Niterider - Technical Lighting Systems » Solas 2 Watt Rechargeable Tail Light - 2013


----------



## bikeCOLORADO (Sep 4, 2003)

I have a Hotshot and a Serfas 1 Watt TL-200.

Hotshot - The mount sucks, but the light is amazing and lasts seemingly forever after a charge. I solved the mount problem by permanently mounting it to my commuter rack with a pair of carefully sized screws. Many different patterns to choose, incredibly bright and lasts forever.

Serfas - Seat tube mount is great. Amazingly bright, runs on 2 AAAs. Lasts forever on a pair of batteries on it's alternating, blinding blink mode.

One on the seatpost, one on the commuter rack.

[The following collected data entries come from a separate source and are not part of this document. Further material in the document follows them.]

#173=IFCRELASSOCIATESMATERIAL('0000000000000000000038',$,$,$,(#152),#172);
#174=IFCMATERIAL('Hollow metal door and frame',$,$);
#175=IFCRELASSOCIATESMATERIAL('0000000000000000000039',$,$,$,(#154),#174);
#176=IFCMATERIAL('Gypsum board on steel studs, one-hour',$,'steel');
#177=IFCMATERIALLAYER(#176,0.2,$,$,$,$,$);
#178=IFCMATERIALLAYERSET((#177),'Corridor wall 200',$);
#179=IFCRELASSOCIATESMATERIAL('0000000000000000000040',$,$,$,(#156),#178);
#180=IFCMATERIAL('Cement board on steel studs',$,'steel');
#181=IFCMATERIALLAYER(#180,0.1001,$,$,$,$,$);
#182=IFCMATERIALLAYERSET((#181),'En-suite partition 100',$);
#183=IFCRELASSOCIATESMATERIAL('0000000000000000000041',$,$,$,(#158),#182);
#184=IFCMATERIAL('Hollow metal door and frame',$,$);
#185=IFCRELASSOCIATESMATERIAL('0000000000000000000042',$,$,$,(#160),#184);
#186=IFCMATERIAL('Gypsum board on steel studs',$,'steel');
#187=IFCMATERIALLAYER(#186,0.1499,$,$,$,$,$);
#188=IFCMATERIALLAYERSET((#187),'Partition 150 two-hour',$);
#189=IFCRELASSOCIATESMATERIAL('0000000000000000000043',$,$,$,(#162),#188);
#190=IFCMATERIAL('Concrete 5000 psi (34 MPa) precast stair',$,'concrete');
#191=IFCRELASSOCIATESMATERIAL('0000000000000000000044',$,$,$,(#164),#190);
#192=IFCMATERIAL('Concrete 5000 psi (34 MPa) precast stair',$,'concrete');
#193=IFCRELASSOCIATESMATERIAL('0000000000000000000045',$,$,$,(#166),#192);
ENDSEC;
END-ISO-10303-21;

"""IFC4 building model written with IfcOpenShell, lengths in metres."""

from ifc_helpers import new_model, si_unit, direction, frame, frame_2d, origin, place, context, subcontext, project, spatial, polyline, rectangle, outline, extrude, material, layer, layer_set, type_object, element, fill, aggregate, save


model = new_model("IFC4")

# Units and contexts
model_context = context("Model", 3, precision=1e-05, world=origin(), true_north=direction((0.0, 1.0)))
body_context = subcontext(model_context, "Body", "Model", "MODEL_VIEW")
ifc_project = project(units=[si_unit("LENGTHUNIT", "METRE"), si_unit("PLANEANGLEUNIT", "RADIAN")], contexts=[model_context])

Road survival isn't about seeing, but about being seen...right?


----------



## bikeCOLORADO (Sep 4, 2003)

Holy crap...here's what we all need:

Custom 10W LED Tailight (DesignShine DS-500) vs SuperFlash - YouTube


----------



## CommuterBoy (Oct 4, 2007)

^^ I'd be afraid that people would run me over due to blindness if I was using that thing... wow. Granted, I'm in a very rural setting, but I only use a taillight when it's dark.


----------



## jeffscott (May 10, 2006)

Straz85 said:


> I keep managing to break all my inexpensive taillights I get at REI, most recently a PB Superflash Turbo. I'm looking for something better quality, a bit brighter and USB chargeable. I know "affordable" is relative, so show me what ya got, bonus points for keeping it at a reasonable price!
> 
> Thanks!


Just a dumb question why USB chargable.....you still plug the computer into the wall right?


----------



## Straz85 (Mar 20, 2009)

jeffscott said:


> Just a dumb question why USB chargable.....you still plug the computer into the wall right?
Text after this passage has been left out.